Test data shows that the adsorption material obtained in Examples 1-5 of the present invention has a very significant removal efficiency for molybdate in sewage (as shown in Table 1). When the concentration of molybdate was 5.0 mg/L, the removal rate of molybdenum by the adsorption materials 1-5 was significantly higher than that of the comparison adsorption materials.
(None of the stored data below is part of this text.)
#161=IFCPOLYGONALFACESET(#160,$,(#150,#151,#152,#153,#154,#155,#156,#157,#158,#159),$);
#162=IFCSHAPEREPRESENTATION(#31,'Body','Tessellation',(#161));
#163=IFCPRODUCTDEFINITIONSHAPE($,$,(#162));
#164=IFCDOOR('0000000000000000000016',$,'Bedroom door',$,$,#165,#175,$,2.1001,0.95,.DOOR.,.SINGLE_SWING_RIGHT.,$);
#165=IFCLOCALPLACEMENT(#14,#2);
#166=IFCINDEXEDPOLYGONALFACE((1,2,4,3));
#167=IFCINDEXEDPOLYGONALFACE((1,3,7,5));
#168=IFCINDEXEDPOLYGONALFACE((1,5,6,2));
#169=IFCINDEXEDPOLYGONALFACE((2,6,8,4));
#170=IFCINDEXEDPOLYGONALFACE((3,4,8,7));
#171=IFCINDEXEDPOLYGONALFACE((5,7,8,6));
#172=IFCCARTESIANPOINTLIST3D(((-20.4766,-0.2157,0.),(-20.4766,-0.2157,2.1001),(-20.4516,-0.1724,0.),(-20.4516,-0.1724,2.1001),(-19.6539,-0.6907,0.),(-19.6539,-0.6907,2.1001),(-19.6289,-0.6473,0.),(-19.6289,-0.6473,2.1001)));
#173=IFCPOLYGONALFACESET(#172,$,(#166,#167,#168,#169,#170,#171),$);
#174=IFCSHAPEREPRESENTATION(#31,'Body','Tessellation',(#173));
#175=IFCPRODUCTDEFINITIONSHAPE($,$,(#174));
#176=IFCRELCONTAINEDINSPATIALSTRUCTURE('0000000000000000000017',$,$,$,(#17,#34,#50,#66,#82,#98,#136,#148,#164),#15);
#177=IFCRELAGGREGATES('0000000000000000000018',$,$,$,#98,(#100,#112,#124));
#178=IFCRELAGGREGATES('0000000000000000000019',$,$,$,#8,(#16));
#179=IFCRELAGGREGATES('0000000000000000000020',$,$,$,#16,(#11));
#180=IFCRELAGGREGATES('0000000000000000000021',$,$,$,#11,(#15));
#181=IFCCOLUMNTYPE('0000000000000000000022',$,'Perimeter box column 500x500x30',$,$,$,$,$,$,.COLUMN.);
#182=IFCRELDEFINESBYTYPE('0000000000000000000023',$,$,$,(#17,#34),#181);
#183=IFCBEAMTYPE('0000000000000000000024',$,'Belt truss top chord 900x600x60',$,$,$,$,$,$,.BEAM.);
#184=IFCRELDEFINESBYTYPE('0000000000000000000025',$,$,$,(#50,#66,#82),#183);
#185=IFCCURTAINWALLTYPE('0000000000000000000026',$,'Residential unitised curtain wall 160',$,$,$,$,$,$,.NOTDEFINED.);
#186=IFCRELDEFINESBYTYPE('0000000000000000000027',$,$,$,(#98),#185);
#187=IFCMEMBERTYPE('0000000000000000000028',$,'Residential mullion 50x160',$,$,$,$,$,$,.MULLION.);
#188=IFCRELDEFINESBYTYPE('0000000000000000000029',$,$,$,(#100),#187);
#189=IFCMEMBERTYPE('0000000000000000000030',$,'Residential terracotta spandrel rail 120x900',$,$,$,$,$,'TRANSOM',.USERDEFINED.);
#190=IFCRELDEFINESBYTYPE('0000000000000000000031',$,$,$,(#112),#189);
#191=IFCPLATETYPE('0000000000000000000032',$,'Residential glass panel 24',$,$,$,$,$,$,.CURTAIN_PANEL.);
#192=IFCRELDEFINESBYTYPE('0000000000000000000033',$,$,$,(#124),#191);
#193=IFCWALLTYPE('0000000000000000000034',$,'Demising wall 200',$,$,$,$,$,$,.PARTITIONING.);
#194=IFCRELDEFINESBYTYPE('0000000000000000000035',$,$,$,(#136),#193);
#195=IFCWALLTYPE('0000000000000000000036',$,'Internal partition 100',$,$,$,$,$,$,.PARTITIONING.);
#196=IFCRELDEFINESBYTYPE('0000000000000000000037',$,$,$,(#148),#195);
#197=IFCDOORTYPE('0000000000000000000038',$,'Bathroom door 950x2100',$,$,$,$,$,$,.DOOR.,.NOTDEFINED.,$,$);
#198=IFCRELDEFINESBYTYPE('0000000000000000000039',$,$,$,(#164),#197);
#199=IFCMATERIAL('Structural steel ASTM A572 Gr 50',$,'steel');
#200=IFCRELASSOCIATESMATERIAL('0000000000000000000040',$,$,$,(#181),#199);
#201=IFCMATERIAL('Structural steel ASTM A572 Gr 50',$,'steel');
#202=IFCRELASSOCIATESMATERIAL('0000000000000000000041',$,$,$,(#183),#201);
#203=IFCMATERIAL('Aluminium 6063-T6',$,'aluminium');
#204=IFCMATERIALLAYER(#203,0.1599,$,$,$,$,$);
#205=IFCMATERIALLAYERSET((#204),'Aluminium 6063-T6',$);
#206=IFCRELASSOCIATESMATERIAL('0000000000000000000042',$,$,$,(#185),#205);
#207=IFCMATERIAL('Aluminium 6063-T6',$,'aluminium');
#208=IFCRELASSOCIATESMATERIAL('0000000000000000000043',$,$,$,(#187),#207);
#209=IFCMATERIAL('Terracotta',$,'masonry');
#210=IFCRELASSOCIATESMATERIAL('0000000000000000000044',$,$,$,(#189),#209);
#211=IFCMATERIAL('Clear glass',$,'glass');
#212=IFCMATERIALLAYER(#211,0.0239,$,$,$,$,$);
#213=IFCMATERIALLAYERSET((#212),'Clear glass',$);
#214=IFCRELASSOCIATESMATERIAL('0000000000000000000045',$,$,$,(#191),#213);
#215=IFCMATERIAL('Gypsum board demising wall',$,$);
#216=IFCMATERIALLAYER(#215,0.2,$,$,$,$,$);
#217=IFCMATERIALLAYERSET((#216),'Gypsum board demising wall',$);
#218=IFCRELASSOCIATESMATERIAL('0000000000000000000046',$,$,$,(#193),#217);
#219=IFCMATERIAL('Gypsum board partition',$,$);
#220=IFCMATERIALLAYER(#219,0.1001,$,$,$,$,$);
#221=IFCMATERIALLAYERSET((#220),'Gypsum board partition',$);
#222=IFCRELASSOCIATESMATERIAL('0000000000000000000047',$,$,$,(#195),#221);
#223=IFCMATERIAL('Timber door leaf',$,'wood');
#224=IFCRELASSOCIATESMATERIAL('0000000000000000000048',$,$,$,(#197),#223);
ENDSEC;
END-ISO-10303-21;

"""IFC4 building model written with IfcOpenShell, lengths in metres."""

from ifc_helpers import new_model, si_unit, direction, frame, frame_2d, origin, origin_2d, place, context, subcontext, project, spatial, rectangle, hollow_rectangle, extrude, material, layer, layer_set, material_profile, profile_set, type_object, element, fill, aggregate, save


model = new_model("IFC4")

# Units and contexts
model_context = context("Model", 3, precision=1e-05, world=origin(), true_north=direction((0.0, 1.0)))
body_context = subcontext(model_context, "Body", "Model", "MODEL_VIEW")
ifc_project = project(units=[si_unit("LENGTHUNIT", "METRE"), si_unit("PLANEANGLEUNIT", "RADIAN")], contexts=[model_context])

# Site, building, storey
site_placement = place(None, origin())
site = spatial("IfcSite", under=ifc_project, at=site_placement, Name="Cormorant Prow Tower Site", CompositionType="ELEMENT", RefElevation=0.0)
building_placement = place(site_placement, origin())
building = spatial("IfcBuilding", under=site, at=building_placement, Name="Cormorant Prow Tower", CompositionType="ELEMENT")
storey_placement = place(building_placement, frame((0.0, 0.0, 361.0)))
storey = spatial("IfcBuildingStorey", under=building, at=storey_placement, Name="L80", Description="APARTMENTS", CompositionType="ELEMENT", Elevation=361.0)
Table 1 Different embodiment removes molybdenum experimental result

Example 1 Example 2 Example 3 Example 4 Example 5 comparative example Mo equilibrium concentration (mg/L) 0.33 0.29 0.16 0.25 0.18 1.82 Removal rate (%) 93.40 94.20 96.80 95.00 96.40 63.60

Claims (1)

1. a kind of preparation method of the water body molybdate adsorbent based on solid waste cinder is it is characterised in that include following walking Rapid:

(1) cinder is put into and in clear water, washes away 2d, carry out afterwards grinding, rinse, spontaneously dry, screening obtain particle diameter 0.15mm with Under cinder；

(2) by the h of 2.0-4.0mol/l₂so₄Solution is added to above-mentioned cinder, vibrates 8-10h, and vibration velocity is 200r/min, uses afterwards Water washing is to no longer containing so₄ ^2-, air-dry standby；

(3) solid obtaining step (2) is put in conical flask, and adds the lacl of 0.01-0.03mol/l₃·6h₂O is molten Liquid, is placed in after conical flask is sealed in 30-35 DEG C of constant temperature oscillator, with the velocity fluctuation 2-4h of 150-200r/min, filters simultaneously Collection obtains solid material；

(4) solid material obtaining step (3) is added in the ctmab solution of 0.02-0.04mol/l, in 25-45 DEG C of water-bath Middle vibration 12-15h, is washed with deionized to neutrality after filtration, and this solid material is placed in baking in 80-100 DEG C of baking oven Dry, obtain la-ctmab modified coal slag adsorbing material.